A Bottom-Up Approach towards Intelligent Magnetic Memory: from Materials Design and Devices Property to Application Performance
A Bottom-Up Approach towards Intelligent Magnetic Memory:
from Materials Design and Devices Property to Application Performance
Xiang (Shaun) Li, [email protected]
Postdoctoral Scholar, Electrical Engineering and Materials Science Engineering
Stanford University
May 14, 2020
The key to the recent success of machine learning lies in the power of computing hardware, a huge amount of data to learn from, and bio-inspired algorithms. However, the existing electronics hardware is failing to process and store the ever-growing learning data and algorithm weights in a fast, cheap, and energy-efficient way. The major bottleneck lies in the low speed and high energy cost incurred when data is transferred between memory storage and logic processing units. One promising approach to solving this bottleneck is a high-density on-chip cache memory. Magnetic memory technologies are one of the leading candidates. [1] However, research and development of new materials for high-performance magnetic memory across academia and industry remain a trial and error process, lacking frameworks that link material-level chemical design, device-level electrical properties, and application-level energy and delay metrics.

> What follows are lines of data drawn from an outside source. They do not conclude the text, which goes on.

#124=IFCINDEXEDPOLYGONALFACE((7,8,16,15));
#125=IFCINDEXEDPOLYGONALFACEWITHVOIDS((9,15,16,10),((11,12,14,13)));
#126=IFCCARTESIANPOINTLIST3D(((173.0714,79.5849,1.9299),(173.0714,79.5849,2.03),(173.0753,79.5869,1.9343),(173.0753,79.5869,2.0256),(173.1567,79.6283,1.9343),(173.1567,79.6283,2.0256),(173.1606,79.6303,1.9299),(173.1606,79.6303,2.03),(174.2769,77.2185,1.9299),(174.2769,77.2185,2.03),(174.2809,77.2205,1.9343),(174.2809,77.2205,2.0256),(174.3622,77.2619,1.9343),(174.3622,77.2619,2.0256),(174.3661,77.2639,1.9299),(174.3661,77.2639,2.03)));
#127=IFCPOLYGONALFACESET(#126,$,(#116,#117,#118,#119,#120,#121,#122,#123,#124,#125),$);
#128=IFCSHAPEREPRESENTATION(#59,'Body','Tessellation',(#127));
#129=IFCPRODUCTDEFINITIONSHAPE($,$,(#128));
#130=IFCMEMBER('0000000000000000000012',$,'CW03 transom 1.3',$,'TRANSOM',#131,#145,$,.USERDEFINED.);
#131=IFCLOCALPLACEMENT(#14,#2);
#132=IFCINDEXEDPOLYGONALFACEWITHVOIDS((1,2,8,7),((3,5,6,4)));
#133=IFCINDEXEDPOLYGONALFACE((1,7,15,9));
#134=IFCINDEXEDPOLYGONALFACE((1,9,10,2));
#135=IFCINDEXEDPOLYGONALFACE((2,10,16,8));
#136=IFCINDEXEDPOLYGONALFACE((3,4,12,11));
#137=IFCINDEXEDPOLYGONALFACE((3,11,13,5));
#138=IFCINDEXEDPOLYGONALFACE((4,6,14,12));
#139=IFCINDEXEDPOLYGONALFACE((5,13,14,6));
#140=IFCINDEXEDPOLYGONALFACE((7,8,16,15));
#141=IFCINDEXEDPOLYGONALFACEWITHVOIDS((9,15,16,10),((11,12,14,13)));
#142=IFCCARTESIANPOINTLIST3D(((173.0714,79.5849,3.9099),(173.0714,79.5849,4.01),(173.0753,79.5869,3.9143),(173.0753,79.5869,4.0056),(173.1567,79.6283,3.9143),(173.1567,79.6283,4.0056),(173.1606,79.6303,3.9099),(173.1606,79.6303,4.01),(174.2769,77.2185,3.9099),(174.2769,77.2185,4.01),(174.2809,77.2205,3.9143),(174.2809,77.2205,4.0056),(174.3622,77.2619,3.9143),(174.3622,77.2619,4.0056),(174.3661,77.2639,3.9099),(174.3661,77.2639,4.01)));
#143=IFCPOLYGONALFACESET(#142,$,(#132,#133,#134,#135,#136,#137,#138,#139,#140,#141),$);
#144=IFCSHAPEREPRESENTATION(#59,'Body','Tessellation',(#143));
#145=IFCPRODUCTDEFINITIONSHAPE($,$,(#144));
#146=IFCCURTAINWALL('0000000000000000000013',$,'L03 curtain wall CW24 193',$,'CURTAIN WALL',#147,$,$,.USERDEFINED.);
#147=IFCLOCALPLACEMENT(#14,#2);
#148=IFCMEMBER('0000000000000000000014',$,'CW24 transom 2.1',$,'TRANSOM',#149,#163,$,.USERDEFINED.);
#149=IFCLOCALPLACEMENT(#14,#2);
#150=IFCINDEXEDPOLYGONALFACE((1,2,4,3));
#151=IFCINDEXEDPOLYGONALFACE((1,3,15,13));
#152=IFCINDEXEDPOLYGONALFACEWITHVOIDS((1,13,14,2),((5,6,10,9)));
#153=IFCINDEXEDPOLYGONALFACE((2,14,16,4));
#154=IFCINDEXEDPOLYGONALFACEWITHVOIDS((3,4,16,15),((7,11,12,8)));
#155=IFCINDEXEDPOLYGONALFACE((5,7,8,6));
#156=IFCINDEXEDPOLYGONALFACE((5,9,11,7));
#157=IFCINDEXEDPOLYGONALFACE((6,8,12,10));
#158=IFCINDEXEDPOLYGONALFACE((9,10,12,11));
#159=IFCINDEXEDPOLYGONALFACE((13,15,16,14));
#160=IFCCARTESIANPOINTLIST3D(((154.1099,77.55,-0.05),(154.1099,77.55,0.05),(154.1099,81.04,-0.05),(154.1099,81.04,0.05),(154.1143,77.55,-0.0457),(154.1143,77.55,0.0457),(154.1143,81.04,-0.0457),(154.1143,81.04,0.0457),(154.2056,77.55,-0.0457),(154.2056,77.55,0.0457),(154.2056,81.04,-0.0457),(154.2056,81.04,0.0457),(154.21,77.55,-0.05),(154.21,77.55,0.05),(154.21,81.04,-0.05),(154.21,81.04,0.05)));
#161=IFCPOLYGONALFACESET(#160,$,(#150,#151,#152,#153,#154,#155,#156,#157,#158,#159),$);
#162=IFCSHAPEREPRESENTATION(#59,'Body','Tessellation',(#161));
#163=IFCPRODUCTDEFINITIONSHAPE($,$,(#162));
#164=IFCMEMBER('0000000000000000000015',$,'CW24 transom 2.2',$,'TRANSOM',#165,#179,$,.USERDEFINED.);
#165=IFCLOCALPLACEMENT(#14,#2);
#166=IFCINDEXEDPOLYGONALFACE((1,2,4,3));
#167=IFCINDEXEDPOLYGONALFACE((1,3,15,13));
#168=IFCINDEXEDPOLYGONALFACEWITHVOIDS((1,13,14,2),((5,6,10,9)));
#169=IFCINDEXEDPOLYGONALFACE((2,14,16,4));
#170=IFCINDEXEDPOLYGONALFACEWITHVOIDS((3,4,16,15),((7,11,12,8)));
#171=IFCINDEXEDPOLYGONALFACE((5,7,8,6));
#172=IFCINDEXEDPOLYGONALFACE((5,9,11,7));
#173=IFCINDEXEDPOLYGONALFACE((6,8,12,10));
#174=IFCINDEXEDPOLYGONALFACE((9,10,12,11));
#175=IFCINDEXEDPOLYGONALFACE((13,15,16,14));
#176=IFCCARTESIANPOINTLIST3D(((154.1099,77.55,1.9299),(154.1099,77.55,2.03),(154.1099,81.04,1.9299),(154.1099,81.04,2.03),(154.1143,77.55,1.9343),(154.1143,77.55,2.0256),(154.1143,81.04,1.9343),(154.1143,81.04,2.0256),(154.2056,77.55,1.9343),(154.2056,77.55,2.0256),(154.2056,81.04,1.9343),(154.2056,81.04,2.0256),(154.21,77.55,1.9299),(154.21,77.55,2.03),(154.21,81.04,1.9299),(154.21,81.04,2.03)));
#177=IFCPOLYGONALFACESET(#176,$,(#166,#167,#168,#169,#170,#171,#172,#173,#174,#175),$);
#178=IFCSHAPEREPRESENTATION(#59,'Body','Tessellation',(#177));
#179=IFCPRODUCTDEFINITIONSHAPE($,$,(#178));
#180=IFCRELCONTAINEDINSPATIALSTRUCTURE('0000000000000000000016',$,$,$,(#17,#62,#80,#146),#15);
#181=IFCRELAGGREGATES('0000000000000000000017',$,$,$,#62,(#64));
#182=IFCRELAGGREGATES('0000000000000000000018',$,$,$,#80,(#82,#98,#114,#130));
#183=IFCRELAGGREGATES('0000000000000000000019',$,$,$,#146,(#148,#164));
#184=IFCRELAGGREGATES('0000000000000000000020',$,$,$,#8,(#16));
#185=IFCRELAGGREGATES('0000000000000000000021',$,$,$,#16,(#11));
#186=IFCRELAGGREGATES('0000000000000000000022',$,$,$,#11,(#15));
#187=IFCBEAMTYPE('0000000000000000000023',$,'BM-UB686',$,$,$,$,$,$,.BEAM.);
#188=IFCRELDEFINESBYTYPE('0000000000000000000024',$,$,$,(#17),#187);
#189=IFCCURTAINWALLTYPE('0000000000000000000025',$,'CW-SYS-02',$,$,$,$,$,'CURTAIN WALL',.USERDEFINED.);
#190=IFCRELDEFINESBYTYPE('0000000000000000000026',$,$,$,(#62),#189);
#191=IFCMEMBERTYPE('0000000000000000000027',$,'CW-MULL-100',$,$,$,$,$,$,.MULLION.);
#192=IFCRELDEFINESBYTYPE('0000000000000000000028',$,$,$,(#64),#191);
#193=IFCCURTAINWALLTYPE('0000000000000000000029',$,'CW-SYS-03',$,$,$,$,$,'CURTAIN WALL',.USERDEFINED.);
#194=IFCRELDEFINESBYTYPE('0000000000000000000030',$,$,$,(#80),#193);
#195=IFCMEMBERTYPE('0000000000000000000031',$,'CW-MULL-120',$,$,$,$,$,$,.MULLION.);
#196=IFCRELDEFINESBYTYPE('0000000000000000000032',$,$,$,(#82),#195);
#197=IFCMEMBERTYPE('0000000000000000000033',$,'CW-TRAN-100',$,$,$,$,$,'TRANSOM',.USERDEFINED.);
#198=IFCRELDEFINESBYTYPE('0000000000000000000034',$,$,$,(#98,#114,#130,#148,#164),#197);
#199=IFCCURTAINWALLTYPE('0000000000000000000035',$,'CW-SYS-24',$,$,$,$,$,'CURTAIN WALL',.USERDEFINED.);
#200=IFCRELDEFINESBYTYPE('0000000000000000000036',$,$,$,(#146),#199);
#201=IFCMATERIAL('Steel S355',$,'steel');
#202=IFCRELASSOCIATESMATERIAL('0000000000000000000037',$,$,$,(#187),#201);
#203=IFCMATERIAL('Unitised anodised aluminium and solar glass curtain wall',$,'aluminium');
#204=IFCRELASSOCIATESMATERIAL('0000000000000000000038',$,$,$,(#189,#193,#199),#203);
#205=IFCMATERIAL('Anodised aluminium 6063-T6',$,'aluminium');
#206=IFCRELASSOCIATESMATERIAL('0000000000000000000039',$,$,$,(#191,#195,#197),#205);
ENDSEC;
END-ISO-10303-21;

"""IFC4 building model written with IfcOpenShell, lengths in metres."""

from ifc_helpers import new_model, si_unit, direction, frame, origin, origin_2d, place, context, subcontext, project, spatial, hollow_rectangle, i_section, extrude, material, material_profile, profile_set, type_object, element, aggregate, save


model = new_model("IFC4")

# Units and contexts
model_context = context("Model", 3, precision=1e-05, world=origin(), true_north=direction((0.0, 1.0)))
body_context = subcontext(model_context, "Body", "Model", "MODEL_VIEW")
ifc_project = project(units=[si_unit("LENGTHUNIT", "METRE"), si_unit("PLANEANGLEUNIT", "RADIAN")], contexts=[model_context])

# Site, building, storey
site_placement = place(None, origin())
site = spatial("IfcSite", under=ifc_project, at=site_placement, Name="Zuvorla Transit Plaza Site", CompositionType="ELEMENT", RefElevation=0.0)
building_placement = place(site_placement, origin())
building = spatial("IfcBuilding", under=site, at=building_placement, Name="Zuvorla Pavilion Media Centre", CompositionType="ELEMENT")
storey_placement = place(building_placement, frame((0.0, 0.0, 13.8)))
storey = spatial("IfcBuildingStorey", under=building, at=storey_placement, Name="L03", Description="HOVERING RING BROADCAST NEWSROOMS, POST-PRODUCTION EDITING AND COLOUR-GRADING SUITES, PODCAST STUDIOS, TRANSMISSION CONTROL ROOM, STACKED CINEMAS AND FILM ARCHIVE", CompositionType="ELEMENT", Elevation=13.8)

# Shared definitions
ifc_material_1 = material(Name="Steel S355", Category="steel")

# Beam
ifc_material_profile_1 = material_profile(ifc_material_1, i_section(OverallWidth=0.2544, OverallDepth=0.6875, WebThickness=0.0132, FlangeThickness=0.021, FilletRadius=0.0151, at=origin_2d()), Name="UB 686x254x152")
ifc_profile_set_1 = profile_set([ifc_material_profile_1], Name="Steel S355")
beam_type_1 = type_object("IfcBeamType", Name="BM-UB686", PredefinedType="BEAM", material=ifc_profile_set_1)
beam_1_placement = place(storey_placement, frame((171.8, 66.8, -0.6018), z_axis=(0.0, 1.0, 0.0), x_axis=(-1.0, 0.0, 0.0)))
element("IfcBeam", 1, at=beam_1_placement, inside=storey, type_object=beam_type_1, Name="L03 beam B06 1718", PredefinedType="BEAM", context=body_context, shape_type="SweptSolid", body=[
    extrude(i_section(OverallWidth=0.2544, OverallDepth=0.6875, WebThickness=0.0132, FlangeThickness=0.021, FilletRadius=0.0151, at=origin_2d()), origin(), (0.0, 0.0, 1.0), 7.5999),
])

In this talk, I first establish a predictive framework to guide the complex materials design space explorations for magnetic memory with desired device properties. [2] This framework is realized by leveraging state-of-the-art nanoscale chemical and structural characterization techniques. Using this framework, I demonstrate one of the highest performing voltage-controlled magnetic memory devices. In the second part of this talk, I introduce a cell-level physics-based model that illustrates materials requirements for reaching application-level energy and delay performance. [3] This model suggests that two materials parameters are critical and enables a benchmarking of write energy and speed based on various materials reported in the literature. These two bottom-up frameworks show the power of bridging materials, devices, and applications to guide memory materials, devices, and circuits research in the future.
Reference:
[1] X. Li, et al., “Voltage-controlled magnetoelectric memory and logic devices,” MRS Bulletin, vol. 43, pp. 970-977, 2018.

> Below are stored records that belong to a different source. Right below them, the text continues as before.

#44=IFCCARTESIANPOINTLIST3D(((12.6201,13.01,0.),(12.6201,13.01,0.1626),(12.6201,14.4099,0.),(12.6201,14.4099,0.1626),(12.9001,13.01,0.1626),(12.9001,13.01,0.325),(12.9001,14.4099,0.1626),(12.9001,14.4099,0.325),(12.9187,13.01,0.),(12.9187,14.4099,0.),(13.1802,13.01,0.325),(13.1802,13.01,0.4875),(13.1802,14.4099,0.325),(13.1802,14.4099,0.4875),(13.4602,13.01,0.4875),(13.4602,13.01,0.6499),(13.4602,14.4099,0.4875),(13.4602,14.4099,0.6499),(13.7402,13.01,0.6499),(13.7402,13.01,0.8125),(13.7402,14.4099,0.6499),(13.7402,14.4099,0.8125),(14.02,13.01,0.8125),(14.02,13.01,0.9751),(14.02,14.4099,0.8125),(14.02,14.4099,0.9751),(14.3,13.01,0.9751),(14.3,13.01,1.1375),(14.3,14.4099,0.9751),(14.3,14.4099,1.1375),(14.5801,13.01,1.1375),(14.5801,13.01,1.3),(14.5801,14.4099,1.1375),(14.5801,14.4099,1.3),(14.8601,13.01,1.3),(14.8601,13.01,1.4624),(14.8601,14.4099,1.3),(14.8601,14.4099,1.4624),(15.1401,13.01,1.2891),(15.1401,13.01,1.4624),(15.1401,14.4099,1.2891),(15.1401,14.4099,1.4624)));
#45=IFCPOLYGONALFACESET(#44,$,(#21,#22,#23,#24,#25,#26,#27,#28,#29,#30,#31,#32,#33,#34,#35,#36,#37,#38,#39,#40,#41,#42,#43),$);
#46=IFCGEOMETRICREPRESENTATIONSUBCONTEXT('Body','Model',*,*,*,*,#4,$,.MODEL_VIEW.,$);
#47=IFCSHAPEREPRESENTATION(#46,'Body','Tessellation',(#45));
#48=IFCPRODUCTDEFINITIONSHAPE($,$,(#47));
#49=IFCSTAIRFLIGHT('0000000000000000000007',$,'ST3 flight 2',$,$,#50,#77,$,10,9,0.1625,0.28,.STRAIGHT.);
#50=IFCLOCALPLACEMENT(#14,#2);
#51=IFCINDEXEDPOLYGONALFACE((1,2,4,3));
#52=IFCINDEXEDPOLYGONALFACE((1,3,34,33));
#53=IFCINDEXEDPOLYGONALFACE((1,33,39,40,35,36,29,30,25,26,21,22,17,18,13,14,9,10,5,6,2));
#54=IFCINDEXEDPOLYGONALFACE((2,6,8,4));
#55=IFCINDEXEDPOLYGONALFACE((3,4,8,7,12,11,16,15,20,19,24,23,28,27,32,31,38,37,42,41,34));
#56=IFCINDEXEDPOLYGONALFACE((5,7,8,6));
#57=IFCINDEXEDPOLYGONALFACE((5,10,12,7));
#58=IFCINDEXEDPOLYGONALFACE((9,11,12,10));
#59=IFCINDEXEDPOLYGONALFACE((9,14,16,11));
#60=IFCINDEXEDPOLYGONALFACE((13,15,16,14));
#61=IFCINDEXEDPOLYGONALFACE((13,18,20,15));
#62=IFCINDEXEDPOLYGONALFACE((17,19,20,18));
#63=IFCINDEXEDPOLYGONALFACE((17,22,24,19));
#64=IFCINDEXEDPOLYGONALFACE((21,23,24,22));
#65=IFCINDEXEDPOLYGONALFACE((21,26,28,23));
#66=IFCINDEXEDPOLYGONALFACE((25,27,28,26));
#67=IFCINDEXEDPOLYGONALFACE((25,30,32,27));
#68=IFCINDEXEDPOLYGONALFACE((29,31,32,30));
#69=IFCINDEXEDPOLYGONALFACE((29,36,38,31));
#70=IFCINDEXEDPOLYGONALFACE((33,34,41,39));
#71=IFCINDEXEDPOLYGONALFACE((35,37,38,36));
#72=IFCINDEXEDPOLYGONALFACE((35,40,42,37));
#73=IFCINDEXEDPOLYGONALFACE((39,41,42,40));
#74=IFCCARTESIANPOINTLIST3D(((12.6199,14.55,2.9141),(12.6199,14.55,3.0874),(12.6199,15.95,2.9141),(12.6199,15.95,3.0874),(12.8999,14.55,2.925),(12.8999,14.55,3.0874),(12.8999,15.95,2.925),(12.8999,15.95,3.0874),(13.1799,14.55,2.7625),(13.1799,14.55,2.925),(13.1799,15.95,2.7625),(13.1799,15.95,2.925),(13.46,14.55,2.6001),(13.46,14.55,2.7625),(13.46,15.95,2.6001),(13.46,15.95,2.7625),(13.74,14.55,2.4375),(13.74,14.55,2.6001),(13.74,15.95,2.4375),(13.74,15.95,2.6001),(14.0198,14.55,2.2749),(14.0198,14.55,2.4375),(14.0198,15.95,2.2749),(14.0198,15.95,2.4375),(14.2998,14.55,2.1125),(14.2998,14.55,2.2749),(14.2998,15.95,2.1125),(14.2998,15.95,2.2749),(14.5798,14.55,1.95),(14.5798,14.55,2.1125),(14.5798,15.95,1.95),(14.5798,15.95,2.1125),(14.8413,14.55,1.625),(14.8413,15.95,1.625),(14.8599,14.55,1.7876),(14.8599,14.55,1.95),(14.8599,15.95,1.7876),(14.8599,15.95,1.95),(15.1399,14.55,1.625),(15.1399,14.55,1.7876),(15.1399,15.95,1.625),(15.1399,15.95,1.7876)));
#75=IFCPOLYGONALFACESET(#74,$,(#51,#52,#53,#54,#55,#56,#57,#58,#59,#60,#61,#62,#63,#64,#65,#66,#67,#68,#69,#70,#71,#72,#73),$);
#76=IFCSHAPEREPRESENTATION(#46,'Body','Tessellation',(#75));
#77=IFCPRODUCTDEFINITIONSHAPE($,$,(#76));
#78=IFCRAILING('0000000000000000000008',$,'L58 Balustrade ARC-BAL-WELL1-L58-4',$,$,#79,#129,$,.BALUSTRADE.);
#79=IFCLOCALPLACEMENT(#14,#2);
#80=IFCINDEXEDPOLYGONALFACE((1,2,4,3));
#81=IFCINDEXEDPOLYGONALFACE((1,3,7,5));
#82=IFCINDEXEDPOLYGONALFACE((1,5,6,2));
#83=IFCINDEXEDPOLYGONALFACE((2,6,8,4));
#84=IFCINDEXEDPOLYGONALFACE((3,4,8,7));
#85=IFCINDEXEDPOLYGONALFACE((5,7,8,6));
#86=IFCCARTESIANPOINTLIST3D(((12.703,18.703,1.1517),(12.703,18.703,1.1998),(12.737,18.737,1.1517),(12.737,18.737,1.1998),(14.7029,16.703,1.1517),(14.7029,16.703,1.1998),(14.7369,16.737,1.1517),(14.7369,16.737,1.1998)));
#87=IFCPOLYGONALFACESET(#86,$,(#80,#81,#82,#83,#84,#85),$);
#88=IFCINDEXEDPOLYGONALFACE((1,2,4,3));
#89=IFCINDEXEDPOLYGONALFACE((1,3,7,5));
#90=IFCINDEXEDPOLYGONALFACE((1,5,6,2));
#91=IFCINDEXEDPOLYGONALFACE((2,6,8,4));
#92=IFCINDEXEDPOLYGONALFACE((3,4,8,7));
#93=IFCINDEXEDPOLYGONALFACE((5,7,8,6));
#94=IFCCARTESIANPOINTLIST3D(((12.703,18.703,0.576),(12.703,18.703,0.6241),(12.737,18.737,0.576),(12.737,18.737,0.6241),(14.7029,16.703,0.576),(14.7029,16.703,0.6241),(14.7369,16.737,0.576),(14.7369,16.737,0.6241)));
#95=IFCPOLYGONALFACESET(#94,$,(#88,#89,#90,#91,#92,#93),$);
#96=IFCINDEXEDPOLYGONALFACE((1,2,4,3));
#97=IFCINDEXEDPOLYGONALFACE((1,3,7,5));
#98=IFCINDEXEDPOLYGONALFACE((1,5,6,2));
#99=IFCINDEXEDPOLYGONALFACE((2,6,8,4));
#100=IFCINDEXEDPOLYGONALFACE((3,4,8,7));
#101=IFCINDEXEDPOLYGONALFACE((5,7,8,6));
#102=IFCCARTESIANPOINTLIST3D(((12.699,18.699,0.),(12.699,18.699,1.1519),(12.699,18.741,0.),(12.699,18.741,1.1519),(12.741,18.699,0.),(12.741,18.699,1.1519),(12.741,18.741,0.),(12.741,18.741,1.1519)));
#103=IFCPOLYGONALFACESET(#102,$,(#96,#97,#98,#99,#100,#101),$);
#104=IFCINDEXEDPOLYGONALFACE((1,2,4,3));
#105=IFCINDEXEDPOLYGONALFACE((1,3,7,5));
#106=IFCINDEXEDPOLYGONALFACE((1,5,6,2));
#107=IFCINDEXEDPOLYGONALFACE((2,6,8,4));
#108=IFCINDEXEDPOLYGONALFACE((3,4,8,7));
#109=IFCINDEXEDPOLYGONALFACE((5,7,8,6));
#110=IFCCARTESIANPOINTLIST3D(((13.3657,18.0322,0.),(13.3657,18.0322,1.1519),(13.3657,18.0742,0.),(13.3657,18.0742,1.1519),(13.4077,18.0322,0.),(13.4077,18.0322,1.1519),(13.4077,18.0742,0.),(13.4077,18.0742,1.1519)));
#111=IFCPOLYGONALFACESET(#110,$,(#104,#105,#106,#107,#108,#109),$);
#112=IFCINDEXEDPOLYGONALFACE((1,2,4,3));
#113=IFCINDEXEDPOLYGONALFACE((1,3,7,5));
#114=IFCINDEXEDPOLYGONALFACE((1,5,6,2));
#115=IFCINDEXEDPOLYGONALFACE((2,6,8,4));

[2] X. Li, et al., “Predictive Materials Design of Magnetic Random-Access Memory Based on Nanoscale Atomic Structure and Element Distribution,” Nano Letters, vol. 19, pp. 8621-8629, 2019.
[3] X. Li, et al., “Materials Requirements of High-Speed and Low-Power Spin-Orbit-Torque Magnetic Random-Access Memory,” IEEE Journal of the Electron Devices Society, (Early Access) 2020. DOI: 10.1109/JEDS.2020.2984610
Biography:
Xiang (Shaun) Li received his Ph.D. degree in Electrical and Computer Engineering from UCLA in 2018, and his B.S. in Physics degree from Peking University, China in 2013. He is now a postdoctoral scholar at Stanford University jointly with Electrical Engineering, and Materials Science and Engineering departments. He is interested in novel materials and devices for non-volatile memory and neuromorphic applications. He has authored magnetic devices chapter of the IEEE Industry Roadmap for Devices and Systems (IRDS) and published 30+ papers with 1000+ citations in Nature Communications, Nano Letters, IEEE, APL, MRS Bulletin, PRL, and PRB.
He also has extensive experience in entrepreneurship and technology commercialization. He participated in the Stanford Ignite Certificate Program in Innovation and Entrepreneurship at Stanford University Graduate School of Business in 2020. He acted as the Chief Technology Officer at Inston Inc., a startup spin-off from UCLA from 2018 to 2019. He was also a Technology Fellow at UCLA Technology Development Group from 2016 to 2017.